U.S. Geological Survey, Lafayette, LA, 70506, USA.
Department of Biology and Biochemistry, University of Houston, Houston, TX, 77204, USA.
Glob Chang Biol. 2016 Jan;22(1):1-11. doi: 10.1111/gcb.13084. Epub 2015 Nov 18.
Due to their position at the land-sea interface, coastal wetlands are vulnerable to many aspects of climate change. However, climate change vulnerability assessments for coastal wetlands generally focus solely on sea-level rise without considering the effects of other facets of climate change. Across the globe and in all ecosystems, macroclimatic drivers (e.g., temperature and rainfall regimes) greatly influence ecosystem structure and function. Macroclimatic drivers have been the focus of climate change-related threat evaluations for terrestrial ecosystems, but largely ignored for coastal wetlands. In some coastal wetlands, changing macroclimatic conditions are expected to result in foundation plant species replacement, which would affect the supply of certain ecosystem goods and services and could affect ecosystem resilience. As examples, we highlight several ecological transition zones where small changes in macroclimatic conditions would result in comparatively large changes in coastal wetland ecosystem structure and function. Our intent in this communication is not to minimize the importance of sea-level rise. Rather, our overarching aim is to illustrate the need to also consider macroclimatic drivers within vulnerability assessments for coastal wetlands.

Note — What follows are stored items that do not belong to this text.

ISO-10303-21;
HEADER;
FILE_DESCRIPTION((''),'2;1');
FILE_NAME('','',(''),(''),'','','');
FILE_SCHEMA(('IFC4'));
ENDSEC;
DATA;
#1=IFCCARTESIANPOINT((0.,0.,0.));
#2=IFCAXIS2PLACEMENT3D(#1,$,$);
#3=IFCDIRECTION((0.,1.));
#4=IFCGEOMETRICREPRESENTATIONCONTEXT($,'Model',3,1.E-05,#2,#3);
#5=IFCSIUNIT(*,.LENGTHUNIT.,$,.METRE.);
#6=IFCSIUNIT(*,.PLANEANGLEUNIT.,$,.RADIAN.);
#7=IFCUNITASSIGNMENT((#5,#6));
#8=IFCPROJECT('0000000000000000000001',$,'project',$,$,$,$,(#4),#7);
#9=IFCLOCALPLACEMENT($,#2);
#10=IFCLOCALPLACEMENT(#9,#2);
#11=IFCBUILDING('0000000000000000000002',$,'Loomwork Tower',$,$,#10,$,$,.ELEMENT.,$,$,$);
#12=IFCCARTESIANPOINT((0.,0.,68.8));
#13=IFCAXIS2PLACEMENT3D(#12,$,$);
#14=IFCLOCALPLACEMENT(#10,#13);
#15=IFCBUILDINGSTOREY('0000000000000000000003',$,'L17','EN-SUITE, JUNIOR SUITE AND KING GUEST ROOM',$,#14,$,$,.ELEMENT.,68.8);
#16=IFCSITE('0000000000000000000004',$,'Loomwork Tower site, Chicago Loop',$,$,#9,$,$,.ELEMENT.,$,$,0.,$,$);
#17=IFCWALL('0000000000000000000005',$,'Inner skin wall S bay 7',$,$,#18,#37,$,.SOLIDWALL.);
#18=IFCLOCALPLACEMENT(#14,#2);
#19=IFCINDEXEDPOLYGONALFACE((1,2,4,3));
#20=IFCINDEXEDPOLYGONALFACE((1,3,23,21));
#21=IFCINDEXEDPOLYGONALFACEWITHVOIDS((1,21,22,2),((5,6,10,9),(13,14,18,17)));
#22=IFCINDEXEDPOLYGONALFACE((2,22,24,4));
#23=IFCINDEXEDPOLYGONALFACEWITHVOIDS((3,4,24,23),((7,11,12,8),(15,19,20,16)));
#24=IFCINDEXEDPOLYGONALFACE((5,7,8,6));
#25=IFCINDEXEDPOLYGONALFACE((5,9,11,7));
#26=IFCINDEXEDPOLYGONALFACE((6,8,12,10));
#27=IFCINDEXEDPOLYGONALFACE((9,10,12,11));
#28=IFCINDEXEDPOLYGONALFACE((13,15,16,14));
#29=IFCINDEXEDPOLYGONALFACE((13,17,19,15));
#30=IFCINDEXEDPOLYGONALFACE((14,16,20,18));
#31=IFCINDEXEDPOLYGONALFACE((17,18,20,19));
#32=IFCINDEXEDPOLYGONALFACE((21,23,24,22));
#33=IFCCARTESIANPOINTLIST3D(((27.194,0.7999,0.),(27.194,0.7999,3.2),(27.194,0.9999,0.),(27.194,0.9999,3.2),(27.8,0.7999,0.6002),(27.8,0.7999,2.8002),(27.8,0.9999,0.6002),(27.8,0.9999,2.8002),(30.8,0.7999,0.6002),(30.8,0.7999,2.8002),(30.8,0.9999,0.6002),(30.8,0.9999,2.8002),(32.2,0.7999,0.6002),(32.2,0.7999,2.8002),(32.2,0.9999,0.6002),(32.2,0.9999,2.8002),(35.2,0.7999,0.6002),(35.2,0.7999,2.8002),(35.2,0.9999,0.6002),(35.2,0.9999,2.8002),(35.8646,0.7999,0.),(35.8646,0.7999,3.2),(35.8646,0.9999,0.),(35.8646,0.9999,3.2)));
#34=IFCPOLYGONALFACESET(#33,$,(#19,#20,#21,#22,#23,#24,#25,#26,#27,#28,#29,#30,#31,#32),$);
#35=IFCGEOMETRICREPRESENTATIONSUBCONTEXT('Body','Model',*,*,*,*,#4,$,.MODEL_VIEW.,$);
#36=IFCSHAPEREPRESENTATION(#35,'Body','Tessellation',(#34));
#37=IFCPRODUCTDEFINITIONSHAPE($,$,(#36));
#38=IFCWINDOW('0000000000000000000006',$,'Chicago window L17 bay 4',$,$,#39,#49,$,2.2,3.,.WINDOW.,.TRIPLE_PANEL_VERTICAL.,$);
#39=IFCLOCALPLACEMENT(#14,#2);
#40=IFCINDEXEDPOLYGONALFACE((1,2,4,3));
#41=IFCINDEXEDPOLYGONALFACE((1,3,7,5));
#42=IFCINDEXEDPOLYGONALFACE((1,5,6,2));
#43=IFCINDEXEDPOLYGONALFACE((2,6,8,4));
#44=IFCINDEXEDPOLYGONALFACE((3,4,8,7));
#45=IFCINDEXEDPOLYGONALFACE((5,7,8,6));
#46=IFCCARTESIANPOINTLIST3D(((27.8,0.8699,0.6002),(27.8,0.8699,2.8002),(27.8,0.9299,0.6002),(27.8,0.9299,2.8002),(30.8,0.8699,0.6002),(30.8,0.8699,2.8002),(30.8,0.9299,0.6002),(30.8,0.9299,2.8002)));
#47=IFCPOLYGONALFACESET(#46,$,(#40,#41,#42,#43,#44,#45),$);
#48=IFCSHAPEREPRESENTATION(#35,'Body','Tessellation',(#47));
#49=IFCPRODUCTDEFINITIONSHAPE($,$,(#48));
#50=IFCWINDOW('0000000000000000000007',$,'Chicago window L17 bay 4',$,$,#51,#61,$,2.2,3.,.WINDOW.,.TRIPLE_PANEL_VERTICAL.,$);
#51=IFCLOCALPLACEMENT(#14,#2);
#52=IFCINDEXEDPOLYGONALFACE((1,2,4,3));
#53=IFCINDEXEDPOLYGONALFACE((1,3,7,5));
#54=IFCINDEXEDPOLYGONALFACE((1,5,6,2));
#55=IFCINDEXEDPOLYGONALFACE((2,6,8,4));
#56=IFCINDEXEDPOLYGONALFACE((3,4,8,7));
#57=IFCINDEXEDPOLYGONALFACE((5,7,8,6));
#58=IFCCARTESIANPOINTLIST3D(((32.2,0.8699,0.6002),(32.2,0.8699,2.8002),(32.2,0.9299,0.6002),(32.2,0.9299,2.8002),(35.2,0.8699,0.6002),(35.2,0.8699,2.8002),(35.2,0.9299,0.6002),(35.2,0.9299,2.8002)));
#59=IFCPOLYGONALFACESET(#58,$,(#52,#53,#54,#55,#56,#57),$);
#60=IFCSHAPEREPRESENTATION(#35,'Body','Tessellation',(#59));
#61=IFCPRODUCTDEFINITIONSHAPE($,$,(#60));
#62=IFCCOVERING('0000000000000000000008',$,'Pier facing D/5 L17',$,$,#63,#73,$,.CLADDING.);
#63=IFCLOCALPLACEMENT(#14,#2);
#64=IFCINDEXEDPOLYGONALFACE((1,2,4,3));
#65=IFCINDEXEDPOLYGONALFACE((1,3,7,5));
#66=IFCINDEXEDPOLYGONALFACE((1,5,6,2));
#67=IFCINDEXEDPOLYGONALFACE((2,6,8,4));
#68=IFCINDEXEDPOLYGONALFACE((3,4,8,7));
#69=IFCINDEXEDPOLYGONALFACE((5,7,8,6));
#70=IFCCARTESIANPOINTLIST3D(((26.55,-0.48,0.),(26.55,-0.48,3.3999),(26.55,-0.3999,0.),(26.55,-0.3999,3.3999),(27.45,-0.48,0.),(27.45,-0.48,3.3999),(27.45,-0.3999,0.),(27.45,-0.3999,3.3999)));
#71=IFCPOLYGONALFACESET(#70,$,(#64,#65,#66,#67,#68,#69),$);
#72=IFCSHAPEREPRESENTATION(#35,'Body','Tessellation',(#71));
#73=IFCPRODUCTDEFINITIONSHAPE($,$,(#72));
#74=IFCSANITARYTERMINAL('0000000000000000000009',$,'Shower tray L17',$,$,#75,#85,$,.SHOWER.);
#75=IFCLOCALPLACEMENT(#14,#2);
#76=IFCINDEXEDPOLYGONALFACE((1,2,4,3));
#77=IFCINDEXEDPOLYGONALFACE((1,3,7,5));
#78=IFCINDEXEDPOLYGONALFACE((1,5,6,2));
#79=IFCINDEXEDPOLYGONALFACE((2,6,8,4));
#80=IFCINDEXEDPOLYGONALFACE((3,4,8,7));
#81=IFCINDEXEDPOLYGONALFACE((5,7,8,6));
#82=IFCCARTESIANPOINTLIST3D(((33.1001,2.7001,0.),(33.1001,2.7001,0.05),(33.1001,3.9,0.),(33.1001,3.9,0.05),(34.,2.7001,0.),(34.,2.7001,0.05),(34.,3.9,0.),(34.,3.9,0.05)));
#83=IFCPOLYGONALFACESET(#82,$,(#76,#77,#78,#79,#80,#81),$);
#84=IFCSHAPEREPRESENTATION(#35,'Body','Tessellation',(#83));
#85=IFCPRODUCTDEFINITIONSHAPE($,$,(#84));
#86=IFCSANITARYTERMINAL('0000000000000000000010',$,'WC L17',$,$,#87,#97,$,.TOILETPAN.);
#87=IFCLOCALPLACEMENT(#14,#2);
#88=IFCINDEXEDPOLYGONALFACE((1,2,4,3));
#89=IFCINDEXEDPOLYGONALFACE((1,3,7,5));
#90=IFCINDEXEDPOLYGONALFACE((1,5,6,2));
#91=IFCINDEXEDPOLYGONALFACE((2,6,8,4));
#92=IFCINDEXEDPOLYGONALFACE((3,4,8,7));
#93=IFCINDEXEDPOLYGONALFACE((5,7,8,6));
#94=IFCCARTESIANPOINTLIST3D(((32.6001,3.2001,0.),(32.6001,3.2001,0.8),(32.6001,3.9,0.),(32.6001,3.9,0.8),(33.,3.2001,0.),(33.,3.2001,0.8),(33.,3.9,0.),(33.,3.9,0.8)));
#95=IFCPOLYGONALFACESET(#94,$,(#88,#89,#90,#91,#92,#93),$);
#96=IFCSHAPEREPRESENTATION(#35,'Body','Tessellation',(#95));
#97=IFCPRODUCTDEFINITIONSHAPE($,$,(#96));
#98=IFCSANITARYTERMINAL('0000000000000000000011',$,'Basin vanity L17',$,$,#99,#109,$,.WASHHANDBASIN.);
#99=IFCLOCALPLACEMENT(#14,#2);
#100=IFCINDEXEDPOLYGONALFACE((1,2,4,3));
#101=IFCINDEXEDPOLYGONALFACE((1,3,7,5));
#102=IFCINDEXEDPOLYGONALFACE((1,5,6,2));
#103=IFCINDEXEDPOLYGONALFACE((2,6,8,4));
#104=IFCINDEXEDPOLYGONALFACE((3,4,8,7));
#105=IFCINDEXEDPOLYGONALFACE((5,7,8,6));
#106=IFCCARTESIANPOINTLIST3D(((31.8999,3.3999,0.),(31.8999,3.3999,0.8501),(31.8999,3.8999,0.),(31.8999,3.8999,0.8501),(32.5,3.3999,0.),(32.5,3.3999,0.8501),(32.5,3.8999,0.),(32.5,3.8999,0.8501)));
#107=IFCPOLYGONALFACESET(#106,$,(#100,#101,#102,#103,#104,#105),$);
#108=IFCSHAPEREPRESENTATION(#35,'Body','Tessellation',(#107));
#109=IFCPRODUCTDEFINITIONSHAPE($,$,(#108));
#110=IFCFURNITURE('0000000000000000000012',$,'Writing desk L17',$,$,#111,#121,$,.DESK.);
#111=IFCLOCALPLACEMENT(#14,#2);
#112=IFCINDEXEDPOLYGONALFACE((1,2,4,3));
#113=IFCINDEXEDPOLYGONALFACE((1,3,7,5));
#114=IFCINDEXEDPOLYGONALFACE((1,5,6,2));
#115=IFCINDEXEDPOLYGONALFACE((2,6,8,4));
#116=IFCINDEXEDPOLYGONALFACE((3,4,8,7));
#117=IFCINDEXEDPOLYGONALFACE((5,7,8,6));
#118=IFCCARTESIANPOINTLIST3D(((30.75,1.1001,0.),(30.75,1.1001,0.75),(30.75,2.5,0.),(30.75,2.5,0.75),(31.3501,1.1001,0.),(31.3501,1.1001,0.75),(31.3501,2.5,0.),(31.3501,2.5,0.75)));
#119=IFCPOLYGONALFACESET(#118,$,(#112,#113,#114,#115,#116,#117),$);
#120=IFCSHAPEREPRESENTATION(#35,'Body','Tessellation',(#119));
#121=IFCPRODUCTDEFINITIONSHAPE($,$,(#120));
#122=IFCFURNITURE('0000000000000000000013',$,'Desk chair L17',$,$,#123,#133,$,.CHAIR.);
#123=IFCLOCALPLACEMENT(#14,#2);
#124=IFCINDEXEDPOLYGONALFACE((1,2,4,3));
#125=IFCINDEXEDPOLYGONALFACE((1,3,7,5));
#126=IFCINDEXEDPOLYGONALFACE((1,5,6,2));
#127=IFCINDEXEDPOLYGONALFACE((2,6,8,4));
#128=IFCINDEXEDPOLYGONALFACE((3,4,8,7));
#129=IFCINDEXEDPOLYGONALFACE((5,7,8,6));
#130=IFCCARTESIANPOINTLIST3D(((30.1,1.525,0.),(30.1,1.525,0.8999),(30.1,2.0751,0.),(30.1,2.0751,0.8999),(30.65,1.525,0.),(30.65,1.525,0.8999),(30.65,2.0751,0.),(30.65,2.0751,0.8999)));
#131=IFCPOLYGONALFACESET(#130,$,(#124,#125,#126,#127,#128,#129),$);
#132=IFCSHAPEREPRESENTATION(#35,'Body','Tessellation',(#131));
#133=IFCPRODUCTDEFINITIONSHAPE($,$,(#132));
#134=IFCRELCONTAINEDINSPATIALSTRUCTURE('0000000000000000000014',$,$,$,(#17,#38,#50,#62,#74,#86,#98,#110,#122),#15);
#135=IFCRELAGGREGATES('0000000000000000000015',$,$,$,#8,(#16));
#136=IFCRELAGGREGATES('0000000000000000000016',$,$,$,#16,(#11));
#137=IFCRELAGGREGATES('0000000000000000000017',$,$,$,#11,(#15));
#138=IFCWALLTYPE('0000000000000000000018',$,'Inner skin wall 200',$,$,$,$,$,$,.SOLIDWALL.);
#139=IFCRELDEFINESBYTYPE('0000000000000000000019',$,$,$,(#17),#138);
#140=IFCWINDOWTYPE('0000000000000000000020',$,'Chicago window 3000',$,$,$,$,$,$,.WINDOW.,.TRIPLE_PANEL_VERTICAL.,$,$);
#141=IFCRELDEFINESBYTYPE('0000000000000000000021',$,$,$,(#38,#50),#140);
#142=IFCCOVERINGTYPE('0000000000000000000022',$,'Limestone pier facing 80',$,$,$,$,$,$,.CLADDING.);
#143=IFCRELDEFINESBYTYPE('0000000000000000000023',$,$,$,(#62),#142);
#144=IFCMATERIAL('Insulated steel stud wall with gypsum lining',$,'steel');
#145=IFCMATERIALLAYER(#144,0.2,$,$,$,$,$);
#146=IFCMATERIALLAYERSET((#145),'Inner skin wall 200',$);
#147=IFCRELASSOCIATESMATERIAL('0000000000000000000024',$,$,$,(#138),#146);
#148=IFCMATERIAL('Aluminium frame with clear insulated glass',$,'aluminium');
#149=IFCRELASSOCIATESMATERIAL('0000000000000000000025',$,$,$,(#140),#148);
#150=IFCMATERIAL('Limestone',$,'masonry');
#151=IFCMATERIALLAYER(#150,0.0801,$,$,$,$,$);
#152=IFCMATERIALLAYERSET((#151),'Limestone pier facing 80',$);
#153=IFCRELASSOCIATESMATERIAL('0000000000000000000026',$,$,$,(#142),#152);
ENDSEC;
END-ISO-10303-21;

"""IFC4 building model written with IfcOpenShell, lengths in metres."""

from ifc_helpers import new_model, si_unit, direction, frame, frame_2d, origin, origin_2d, place, context, subcontext, project, spatial, rectangle, extrude, material, layer, layer_set, type_object, element, fill, save


model = new_model("IFC4")

# Units and contexts
model_context = context("Model", 3, precision=1e-05, world=origin(), true_north=direction((0.0, 1.0)))
body_context = subcontext(model_context, "Body", "Model", "MODEL_VIEW")
ifc_project = project(units=[si_unit("LENGTHUNIT", "METRE"), si_unit("PLANEANGLEUNIT", "RADIAN")], contexts=[model_context])

# Site, building, storey
site_placement = place(None, origin())
site = spatial("IfcSite", under=ifc_project, at=site_placement, Name="Loomwork Tower site, Chicago Loop", CompositionType="ELEMENT", RefElevation=0.0)
building_placement = place(site_placement, origin())
building = spatial("IfcBuilding", under=site, at=building_placement, Name="Loomwork Tower", CompositionType="ELEMENT")
storey_placement = place(building_placement, frame((0.0, 0.0, 68.8)))
storey = spatial("IfcBuildingStorey", under=building, at=storey_placement, Name="L17", Description="EN-SUITE, JUNIOR SUITE AND KING GUEST ROOM", CompositionType="ELEMENT", Elevation=68.8)

# Shared definitions
ifc_material_1 = material(Name="Insulated steel stud wall with gypsum lining", Category="steel")
ifc_layer_1 = layer(ifc_material_1, 0.2)
ifc_layer_set_1 = layer_set([ifc_layer_1], Name="Inner skin wall 200")
wall_type = type_object("IfcWallType", Name="Inner skin wall 200", PredefinedType="SOLIDWALL", material=ifc_layer_set_1)
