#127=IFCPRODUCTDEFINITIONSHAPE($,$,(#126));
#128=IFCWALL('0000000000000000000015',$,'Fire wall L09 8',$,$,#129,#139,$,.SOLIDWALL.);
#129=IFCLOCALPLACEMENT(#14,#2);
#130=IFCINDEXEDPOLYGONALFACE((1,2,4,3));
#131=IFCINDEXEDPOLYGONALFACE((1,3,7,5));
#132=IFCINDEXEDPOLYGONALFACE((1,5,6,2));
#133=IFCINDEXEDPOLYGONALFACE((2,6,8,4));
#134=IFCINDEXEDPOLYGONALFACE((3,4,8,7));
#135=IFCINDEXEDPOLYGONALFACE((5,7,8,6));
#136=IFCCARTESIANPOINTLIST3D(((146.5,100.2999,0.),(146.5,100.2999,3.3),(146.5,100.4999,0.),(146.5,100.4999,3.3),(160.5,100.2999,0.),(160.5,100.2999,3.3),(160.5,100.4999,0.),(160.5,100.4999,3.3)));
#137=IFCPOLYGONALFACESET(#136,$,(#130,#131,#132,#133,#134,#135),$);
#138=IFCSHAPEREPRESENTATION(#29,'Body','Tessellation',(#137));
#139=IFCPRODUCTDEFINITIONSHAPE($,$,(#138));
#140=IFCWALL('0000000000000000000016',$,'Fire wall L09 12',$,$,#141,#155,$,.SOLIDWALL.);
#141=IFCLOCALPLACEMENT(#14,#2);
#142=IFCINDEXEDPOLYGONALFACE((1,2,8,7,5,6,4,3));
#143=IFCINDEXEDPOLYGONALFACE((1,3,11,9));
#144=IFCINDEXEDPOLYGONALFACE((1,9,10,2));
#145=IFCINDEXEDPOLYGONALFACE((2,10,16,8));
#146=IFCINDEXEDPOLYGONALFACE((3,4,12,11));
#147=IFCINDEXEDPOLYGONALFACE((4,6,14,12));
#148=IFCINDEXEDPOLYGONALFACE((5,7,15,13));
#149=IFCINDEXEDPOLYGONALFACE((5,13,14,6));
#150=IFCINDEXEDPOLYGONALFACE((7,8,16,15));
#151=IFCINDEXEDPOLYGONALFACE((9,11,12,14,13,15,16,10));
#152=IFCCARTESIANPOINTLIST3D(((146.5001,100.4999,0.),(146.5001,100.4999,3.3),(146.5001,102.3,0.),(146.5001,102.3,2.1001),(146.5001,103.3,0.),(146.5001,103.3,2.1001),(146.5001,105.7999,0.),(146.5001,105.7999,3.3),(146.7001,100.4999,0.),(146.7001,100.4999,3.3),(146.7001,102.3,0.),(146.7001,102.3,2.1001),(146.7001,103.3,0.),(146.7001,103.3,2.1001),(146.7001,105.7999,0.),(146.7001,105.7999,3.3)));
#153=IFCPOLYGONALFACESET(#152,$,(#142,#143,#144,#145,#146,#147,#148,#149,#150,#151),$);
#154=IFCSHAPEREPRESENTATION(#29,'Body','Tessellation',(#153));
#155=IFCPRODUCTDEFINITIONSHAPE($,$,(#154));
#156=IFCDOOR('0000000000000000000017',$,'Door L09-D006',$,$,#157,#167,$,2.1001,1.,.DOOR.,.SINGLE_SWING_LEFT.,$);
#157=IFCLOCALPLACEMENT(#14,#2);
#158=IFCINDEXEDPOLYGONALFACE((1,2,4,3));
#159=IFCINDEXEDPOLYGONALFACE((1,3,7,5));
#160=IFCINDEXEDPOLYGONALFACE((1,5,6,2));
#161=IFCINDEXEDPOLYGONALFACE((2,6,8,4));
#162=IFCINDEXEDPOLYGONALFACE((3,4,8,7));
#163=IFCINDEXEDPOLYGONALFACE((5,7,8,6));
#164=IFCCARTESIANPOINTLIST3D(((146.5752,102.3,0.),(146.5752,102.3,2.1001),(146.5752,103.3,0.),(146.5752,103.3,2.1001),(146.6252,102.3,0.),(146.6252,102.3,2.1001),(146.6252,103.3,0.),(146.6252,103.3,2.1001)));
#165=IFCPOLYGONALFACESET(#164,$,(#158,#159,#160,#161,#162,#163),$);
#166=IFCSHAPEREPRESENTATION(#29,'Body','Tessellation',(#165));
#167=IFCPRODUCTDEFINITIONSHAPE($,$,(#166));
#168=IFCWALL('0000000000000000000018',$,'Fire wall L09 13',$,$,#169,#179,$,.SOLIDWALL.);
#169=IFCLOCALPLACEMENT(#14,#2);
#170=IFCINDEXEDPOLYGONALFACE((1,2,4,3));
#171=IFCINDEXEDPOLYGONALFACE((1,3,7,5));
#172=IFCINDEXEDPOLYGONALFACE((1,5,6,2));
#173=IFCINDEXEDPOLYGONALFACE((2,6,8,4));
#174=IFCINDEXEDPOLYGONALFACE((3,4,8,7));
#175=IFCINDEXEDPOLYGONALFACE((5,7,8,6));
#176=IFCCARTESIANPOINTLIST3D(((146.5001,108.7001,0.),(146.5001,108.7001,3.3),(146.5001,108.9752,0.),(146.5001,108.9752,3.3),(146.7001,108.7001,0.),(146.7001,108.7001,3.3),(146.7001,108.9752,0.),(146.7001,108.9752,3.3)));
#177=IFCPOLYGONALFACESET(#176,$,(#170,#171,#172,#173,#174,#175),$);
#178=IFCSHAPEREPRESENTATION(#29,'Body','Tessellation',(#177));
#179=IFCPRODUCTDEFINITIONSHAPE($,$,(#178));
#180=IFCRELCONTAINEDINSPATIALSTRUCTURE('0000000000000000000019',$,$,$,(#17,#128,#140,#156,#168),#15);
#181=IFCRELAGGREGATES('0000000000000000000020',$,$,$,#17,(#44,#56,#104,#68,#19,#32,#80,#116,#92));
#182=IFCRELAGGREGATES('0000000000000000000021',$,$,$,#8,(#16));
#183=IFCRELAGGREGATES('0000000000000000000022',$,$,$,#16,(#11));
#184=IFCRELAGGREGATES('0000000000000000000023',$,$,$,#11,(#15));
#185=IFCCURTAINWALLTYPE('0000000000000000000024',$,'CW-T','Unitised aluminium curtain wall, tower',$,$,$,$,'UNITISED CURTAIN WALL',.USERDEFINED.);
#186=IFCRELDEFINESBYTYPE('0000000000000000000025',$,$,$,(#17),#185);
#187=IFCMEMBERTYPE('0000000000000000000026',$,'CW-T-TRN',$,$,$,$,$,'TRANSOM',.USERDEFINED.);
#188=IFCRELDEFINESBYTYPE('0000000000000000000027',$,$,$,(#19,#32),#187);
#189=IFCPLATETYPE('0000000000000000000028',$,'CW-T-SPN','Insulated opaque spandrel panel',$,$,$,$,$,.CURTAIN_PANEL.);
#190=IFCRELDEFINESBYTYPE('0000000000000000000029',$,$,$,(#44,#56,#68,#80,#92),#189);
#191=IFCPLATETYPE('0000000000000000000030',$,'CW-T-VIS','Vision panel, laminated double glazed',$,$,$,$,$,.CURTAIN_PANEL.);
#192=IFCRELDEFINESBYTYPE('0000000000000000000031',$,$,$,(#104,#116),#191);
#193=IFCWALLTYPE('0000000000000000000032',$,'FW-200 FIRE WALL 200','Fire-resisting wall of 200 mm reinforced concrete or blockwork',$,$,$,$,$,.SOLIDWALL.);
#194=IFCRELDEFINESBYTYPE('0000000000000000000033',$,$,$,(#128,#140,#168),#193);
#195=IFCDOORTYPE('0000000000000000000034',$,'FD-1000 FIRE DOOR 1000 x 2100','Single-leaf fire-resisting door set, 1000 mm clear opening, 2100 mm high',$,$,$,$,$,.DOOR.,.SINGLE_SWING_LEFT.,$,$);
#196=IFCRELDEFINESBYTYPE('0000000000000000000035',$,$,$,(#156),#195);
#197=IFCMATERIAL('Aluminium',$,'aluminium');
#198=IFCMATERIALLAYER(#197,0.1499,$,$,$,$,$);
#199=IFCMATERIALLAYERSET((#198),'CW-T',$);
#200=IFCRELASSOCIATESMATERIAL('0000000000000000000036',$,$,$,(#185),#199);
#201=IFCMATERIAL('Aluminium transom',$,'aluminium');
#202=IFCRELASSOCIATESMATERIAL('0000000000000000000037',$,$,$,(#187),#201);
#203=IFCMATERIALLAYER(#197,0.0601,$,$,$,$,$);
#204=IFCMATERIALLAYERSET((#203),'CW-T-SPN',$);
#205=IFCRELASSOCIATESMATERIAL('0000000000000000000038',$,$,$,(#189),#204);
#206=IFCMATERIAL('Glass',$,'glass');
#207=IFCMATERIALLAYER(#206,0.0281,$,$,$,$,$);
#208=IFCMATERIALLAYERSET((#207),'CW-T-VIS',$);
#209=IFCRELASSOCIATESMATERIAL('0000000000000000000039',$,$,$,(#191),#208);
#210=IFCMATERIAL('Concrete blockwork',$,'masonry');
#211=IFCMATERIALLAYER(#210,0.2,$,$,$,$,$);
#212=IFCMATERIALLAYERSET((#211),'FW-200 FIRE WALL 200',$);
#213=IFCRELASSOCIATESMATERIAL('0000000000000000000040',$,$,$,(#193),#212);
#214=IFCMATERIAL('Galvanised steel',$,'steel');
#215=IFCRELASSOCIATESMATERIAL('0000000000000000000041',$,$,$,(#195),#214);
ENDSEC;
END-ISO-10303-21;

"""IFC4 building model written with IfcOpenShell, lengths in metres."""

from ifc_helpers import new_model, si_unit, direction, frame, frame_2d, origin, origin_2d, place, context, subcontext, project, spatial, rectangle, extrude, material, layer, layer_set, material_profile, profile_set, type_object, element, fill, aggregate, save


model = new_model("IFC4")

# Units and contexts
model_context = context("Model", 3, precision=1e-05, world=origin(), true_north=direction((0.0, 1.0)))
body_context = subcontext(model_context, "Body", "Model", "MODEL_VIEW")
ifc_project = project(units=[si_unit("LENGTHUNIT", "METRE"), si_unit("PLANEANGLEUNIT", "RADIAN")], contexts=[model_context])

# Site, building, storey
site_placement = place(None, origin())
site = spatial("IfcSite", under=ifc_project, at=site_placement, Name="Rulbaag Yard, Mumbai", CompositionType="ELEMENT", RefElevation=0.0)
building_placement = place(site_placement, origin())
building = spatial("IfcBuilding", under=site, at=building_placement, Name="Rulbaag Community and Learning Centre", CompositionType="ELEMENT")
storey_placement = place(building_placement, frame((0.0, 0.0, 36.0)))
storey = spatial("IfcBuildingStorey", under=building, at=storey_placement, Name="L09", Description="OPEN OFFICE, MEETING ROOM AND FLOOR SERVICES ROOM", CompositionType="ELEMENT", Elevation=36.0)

由于处于陆海交界地带,沿海湿地容易受到气候变化多方面的影响。然而,对沿海湿地的气候变化脆弱性评估通常仅关注海平面上升,而不考虑气候变化其他方面的影响。在全球范围内和所有生态系统中,宏观气候驱动因素(如温度和降雨模式)极大地影响着生态系统的结构和功能。宏观气候驱动因素一直是陆地生态系统与气候变化相关威胁评估的重点,但在沿海湿地方面却被大量忽视。在一些沿海湿地,不断变化的宏观气候条件预计将导致基础植物物种的更替,这将影响某些生态系统商品和服务的供应,并可能影响生态系统的恢复力。作为例证,我们强调了几个生态过渡区,在这些区域中,宏观气候条件的微小变化将导致沿海湿地生态系统结构和功能发生较大变化。我们撰写本文的目的并不是要降低海平面上升的重要性。相反,我们的总体目标是说明在评估沿海湿地的脆弱性时,也需要考虑宏观气候驱动因素。